Do we need BIM, or just old-fashioned construction management?

I’m not sure why BIM is being hailed as the saviour of the construction industry. After all, haven’t we been doing this type of thing – building buildings and managing the information needed to do so – for centuries now?

If we forget about the hype of BIM for a moment, and go back to everything we have been taught over the years either at college or university or any other institution, it was a case of starting at A and hopefully finishing at C and collecting information on the way.

So what’s actually changed? We still have site meetings, we already collect a set of minutes. Surely we still have procurement programmes too, and I’m sure to go with that, if you’re a good construction manager, you would have developed a design deliverables schedule and issued that to all the designers.

A programme of works would have been produced and maybe a schedule of design team meetings or client/stakeholder meetings to ensure that we all know what we have to deliver and by what date. As for the end of the project, a schedule of handover requirements would have been produced – I was creating these back in my youth and I’m getting on a bit now. Good quality data is what good construction management is all about.

And good data management long pre-dates the arrival of BIM. When I was a project manager at Skanska in 2002-03, we had a data management protocol in place, with file-naming conventions that were followed by all the project stakeholders, and a quality management system we followed rigorously. It was second nature.

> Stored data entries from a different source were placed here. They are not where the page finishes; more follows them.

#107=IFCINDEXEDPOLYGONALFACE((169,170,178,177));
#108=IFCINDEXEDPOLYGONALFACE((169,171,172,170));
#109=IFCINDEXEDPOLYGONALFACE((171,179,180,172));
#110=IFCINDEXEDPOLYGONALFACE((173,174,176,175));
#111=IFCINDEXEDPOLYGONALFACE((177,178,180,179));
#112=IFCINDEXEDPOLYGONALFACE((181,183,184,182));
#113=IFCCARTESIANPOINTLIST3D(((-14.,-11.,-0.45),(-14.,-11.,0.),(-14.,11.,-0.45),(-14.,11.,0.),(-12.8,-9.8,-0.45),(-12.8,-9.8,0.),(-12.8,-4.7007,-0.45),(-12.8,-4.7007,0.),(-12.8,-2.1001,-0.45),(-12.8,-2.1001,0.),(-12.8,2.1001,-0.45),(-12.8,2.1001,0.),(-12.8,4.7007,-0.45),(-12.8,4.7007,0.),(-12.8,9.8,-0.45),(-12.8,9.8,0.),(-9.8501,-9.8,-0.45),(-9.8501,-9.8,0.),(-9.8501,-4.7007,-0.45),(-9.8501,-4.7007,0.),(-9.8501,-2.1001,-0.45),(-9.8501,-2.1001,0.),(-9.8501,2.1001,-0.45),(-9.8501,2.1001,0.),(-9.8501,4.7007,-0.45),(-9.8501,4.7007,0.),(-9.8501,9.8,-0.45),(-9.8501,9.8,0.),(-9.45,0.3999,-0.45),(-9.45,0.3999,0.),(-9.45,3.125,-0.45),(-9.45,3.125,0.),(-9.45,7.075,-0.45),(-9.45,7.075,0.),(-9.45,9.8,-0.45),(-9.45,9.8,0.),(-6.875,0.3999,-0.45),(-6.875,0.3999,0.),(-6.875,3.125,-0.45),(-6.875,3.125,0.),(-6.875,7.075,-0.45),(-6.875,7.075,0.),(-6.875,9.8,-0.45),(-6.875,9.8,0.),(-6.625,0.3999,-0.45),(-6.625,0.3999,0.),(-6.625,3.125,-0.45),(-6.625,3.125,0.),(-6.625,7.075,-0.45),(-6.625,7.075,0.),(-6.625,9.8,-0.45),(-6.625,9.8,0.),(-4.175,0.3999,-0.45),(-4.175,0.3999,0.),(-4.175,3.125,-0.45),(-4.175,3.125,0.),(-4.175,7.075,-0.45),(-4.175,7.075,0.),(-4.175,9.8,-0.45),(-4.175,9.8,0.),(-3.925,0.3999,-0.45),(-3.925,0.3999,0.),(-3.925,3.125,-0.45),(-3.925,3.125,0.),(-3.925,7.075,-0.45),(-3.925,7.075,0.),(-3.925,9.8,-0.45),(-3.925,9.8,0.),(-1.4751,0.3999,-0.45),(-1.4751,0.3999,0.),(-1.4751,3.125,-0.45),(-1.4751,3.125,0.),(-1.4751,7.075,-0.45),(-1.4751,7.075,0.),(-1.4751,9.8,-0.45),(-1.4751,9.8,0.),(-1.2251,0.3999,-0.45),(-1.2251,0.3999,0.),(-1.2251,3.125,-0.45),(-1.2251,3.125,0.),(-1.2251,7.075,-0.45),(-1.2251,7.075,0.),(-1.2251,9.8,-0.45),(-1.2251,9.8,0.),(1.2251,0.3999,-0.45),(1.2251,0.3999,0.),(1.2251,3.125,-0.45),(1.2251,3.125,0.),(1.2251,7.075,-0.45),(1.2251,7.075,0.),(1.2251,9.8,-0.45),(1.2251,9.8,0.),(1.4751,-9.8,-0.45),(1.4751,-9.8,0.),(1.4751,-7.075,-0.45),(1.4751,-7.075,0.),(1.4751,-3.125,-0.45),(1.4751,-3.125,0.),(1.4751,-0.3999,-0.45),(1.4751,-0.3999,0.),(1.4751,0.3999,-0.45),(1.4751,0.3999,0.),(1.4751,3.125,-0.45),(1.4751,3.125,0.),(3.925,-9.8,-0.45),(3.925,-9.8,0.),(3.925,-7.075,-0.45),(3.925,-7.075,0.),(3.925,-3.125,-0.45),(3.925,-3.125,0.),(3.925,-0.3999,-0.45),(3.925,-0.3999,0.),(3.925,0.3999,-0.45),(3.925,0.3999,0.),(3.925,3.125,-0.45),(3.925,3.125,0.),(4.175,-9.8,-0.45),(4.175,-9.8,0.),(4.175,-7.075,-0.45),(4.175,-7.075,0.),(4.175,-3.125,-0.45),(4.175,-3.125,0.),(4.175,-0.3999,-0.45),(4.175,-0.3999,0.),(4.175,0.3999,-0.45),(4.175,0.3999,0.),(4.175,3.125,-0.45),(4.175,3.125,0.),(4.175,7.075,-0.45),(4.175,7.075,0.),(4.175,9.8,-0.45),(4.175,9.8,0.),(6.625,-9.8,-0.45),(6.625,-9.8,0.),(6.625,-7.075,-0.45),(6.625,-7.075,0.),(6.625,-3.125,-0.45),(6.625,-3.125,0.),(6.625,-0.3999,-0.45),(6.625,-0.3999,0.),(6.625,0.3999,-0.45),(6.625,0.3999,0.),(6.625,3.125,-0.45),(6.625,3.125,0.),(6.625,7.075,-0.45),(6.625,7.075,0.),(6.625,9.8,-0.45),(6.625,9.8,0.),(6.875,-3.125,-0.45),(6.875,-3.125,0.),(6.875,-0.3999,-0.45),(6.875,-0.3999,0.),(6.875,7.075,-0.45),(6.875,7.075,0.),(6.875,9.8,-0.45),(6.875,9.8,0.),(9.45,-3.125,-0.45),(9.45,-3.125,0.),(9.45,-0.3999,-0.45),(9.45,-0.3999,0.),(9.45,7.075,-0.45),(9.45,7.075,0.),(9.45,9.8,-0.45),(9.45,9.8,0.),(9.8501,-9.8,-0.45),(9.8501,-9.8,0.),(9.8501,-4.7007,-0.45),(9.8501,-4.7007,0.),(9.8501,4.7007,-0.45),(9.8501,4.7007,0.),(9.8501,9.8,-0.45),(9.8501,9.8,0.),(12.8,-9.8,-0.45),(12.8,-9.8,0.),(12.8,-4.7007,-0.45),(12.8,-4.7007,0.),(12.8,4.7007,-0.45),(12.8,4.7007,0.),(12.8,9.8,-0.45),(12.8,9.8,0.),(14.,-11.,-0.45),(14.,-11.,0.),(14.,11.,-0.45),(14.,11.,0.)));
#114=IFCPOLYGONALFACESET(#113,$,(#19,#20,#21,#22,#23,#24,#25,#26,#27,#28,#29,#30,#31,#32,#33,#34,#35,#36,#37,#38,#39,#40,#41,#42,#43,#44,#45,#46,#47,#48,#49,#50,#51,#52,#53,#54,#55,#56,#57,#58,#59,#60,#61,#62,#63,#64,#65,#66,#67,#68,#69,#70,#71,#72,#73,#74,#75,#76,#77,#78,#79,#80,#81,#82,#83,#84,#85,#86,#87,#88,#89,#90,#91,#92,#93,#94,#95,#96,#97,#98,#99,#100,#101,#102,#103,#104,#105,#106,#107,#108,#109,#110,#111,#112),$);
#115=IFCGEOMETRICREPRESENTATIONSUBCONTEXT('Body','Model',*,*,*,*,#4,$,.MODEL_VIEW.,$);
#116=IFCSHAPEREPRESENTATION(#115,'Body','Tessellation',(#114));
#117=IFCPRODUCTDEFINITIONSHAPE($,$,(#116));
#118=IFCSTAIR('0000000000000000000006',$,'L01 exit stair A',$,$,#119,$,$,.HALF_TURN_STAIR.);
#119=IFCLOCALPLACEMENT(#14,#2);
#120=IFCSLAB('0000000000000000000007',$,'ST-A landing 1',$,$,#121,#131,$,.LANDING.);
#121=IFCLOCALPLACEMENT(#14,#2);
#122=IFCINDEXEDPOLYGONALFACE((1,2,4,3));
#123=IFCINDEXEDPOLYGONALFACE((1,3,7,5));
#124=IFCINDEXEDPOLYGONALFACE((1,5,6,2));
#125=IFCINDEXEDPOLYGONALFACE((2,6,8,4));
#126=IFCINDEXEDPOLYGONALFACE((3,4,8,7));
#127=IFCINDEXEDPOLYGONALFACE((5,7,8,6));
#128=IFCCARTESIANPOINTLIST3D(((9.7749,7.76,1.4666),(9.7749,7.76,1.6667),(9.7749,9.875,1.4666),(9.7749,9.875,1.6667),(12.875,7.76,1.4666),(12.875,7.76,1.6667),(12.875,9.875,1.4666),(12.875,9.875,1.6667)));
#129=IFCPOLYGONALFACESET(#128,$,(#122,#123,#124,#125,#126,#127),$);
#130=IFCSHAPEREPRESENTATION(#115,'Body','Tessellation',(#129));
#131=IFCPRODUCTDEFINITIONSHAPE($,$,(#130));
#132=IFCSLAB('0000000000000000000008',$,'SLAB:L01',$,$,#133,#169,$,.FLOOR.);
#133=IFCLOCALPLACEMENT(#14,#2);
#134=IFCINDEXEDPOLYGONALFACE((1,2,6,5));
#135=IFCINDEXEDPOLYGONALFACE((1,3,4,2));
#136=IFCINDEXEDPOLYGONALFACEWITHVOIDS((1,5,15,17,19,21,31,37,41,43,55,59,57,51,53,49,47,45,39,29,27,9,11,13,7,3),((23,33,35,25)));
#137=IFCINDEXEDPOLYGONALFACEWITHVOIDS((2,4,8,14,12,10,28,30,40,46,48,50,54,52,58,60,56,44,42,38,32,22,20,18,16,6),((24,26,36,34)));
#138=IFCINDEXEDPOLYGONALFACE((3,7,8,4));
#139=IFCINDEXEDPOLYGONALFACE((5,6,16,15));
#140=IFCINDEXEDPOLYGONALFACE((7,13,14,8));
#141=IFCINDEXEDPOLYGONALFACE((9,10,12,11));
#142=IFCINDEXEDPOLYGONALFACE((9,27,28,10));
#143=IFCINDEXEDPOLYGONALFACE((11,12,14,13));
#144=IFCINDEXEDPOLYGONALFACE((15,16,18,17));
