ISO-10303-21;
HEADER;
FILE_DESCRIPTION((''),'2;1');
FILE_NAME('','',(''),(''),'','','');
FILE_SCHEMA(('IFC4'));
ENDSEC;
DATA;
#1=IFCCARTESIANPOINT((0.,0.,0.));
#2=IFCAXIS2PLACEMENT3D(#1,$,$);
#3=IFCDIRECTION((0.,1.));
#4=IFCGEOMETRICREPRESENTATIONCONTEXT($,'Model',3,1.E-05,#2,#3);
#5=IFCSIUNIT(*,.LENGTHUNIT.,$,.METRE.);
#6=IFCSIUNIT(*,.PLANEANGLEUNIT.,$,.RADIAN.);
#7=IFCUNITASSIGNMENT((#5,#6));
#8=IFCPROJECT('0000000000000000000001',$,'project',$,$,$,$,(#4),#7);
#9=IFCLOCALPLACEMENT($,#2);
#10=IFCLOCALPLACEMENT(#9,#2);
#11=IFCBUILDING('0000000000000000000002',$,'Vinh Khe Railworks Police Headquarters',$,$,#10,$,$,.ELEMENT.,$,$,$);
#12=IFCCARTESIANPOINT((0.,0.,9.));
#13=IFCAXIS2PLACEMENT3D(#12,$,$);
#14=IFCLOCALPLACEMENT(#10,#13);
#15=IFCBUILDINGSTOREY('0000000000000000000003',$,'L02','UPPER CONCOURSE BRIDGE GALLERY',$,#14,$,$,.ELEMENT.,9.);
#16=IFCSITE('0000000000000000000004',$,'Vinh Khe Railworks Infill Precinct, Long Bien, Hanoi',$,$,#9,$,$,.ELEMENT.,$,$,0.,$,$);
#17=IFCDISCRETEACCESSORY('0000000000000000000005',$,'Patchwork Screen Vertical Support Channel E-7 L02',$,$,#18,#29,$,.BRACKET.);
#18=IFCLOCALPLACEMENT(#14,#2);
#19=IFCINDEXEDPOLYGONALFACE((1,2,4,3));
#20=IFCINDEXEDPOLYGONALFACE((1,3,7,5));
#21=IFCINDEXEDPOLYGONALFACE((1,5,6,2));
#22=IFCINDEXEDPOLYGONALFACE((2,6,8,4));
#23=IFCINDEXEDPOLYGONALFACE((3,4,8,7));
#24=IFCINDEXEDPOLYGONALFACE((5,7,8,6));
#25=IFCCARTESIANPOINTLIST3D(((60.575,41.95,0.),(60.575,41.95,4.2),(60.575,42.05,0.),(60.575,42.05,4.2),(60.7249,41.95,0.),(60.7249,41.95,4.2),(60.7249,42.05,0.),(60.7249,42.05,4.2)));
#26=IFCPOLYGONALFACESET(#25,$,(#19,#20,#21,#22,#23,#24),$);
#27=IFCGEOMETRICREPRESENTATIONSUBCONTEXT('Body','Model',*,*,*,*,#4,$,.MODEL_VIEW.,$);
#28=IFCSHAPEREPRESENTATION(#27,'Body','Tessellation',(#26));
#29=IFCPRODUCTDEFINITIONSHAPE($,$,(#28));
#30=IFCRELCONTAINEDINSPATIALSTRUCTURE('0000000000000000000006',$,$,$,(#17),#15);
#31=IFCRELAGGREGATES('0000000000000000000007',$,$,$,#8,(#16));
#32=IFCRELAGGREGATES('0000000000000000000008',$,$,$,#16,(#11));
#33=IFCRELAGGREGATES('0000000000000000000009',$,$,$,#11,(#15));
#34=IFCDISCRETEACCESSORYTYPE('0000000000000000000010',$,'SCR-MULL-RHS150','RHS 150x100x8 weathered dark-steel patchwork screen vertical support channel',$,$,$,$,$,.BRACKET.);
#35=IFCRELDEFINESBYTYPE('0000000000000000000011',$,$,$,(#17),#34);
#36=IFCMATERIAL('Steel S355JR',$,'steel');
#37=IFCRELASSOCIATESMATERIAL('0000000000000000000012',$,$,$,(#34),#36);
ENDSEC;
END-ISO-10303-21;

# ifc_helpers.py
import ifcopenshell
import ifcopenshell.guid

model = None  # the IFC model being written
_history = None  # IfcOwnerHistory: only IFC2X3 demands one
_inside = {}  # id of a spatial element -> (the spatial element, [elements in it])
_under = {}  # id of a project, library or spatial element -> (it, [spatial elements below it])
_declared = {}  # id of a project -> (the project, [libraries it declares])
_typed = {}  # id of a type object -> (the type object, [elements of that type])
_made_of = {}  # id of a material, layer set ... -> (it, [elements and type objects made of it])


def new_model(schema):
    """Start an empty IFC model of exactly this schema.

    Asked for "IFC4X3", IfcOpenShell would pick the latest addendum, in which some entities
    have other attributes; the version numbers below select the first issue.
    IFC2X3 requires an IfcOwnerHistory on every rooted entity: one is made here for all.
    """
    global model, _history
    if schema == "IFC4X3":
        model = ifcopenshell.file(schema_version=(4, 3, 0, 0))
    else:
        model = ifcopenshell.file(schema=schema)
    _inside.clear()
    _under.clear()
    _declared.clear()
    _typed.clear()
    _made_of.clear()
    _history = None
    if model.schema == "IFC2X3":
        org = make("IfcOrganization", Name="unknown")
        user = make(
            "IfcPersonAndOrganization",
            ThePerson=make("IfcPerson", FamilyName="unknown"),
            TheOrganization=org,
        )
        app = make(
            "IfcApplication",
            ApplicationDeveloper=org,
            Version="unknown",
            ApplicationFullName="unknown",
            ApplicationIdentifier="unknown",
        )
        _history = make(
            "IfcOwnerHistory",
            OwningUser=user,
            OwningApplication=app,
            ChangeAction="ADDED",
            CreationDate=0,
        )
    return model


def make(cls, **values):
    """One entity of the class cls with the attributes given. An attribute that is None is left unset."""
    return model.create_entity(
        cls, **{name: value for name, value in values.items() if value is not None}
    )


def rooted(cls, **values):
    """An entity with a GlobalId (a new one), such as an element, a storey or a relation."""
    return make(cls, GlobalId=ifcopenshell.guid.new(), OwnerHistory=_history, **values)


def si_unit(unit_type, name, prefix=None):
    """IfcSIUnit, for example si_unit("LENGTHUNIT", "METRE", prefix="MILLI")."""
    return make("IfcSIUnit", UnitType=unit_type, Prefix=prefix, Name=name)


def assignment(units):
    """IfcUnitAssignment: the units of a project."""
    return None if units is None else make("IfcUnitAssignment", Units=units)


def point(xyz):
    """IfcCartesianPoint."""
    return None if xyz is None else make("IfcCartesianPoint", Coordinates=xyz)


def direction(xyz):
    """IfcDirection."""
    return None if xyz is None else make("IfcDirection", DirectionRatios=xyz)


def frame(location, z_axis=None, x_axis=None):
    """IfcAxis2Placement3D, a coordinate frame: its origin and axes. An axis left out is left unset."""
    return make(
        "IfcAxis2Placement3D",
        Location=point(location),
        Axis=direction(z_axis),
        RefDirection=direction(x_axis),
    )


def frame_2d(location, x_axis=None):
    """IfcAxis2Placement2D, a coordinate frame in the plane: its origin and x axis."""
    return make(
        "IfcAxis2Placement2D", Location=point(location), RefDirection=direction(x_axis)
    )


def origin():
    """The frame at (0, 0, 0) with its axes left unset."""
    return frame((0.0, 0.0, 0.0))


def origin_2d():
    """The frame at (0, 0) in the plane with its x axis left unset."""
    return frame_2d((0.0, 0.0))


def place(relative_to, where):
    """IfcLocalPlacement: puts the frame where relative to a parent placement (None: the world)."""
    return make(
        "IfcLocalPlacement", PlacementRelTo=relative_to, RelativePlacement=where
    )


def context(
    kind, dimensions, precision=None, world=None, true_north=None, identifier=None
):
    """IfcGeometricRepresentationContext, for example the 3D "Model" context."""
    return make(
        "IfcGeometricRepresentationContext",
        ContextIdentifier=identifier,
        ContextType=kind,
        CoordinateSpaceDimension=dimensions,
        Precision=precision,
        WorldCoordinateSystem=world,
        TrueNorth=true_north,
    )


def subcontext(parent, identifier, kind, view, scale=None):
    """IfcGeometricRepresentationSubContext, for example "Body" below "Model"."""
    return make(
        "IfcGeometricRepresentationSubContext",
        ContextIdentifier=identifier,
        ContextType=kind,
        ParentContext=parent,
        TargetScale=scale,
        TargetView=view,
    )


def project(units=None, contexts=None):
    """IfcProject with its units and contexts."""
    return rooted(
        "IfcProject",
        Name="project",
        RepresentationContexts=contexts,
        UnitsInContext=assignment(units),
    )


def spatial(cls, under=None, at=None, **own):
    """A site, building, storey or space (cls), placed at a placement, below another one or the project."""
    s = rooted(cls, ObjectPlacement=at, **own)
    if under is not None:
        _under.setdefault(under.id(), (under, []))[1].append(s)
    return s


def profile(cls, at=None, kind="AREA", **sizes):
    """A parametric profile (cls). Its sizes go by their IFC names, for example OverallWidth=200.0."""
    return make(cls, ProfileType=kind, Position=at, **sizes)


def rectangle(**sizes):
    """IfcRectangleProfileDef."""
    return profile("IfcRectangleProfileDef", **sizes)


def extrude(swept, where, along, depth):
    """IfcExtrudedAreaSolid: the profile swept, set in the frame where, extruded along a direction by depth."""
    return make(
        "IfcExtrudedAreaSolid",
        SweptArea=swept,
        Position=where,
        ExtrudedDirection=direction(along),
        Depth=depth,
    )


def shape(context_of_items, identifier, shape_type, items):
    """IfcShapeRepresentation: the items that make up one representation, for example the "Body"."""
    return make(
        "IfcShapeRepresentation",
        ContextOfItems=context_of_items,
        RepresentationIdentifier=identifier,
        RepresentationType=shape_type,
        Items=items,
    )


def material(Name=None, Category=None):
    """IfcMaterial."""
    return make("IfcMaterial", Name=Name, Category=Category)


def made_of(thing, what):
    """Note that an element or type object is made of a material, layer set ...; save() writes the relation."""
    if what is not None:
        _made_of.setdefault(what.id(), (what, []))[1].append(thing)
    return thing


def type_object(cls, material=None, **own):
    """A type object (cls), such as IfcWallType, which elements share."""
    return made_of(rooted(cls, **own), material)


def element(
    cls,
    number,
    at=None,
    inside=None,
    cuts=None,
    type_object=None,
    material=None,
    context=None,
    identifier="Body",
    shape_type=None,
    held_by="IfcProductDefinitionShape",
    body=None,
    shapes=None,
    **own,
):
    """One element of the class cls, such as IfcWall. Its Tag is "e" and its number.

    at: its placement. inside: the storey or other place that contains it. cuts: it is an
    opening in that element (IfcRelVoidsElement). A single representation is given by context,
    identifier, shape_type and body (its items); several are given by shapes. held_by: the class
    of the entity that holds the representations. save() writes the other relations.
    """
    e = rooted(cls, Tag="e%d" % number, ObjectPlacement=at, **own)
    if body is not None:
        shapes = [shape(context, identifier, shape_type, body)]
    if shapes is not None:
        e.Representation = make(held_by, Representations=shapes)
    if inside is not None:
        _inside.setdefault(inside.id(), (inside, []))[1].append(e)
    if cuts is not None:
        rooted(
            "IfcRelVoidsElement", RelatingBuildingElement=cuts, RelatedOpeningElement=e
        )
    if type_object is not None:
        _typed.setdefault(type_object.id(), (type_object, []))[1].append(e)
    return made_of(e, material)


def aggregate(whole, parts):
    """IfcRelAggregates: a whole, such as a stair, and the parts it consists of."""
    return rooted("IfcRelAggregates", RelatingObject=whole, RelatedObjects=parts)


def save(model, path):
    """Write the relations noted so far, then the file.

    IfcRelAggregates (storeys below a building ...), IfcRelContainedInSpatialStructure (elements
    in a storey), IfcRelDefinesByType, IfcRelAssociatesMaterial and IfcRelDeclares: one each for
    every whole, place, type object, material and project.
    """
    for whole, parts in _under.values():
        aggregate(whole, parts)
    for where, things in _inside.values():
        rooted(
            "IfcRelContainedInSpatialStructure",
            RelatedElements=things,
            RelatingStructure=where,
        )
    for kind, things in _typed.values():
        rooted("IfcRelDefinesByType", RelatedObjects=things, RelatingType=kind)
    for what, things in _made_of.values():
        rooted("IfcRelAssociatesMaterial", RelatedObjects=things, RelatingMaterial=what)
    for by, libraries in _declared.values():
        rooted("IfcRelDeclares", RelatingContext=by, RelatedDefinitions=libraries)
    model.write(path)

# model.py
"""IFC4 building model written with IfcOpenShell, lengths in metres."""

from ifc_helpers import new_model, si_unit, direction, frame, origin, origin_2d, place, context, subcontext, project, spatial, rectangle, extrude, material, type_object, element, save


model = new_model("IFC4")

# Units and contexts
model_context = context("Model", 3, precision=1e-05, world=origin(), true_north=direction((0.0, 1.0)))
body_context = subcontext(model_context, "Body", "Model", "MODEL_VIEW")
ifc_project = project(units=[si_unit("LENGTHUNIT", "METRE"), si_unit("PLANEANGLEUNIT", "RADIAN")], contexts=[model_context])

# Site, building, storey
site_placement = place(None, origin())
site = spatial("IfcSite", under=ifc_project, at=site_placement, Name="Vinh Khe Railworks Infill Precinct, Long Bien, Hanoi", CompositionType="ELEMENT", RefElevation=0.0)
building_placement = place(site_placement, origin())
building = spatial("IfcBuilding", under=site, at=building_placement, Name="Vinh Khe Railworks Police Headquarters", CompositionType="ELEMENT")
storey_placement = place(building_placement, frame((0.0, 0.0, 9.0)))
storey = spatial("IfcBuildingStorey", under=building, at=storey_placement, Name="L02", Description="UPPER CONCOURSE BRIDGE GALLERY", CompositionType="ELEMENT", Elevation=9.0)

# Shared definitions
ifc_material_1 = material(Name="Steel S355JR", Category="steel")

# Discrete accessory
discrete_accessory_type_1 = type_object("IfcDiscreteAccessoryType", Name="SCR-MULL-RHS150", Description="RHS 150x100x8 weathered dark-steel patchwork screen vertical support channel", PredefinedType="BRACKET", material=ifc_material_1)
for number, where, z_axis, x_axis, name in (
    (1, (60.6499, 42.0, 0.0), (0.0, 0.0, 1.0), (1.0, 0.0, 0.0), "Patchwork Screen Vertical Support Channel E-7 L02"),
):
    element("IfcDiscreteAccessory", number, at=place(storey_placement, frame(where, z_axis=z_axis, x_axis=x_axis)), inside=storey, type_object=discrete_accessory_type_1, Name=name, PredefinedType="BRACKET", context=body_context, shape_type="SweptSolid", body=[
        extrude(rectangle(XDim=0.1499, YDim=0.1001, at=origin_2d()), origin(), (0.0, 0.0, 1.0), 4.2),
    ])

save(model, "model.ifc")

So why all of a sudden has the industry changed, and we’re making all this fuss about BIM? With a good quality assurance or quality control solution, all of the above should be standard and happening on every site or project.

I have worked with many companies over the years where quality assurance and quality control happens from day one, so I’m not sure why we are being told that we have to get “better” at capturing information or data, or working in a collaborative manner. Are we trying to reinvent a wheel that actually we’ve already had for as long as I care to mention?

Now let’s talk about BIM, a subject which is close to my heart. When I hear “we must get better” at collecting and gathering information, my reaction is that I’m sure we could do that all day – but what we actually need is to get smarter about the information and data we need in the first place.

I feel we need more guidance on what we need to collect on behalf of clients. I’m sure a client will not have a clue what they want so will just ask for everything, so we need to get better at informing the client of what exactly the data will actually give them as an end result, and what the client can do with it. Or, when we hand all this information over, will it just collect cyber dust in a digital repository?

But as regards our own processes, if we do quality assurance and quality control correctly in our industries then surely we are doing “BIM”, which is after all collecting and storing data and information in a managed way to provide confidence that quality requirements will be fulfilled. We just need to get back to basics and gather our thoughts about what it is we’re doing.

That’s why I also don’t believe we need a separate BIM certification system: everything should already be tied up in the existing quality management standards, ISO 9001 and 14001.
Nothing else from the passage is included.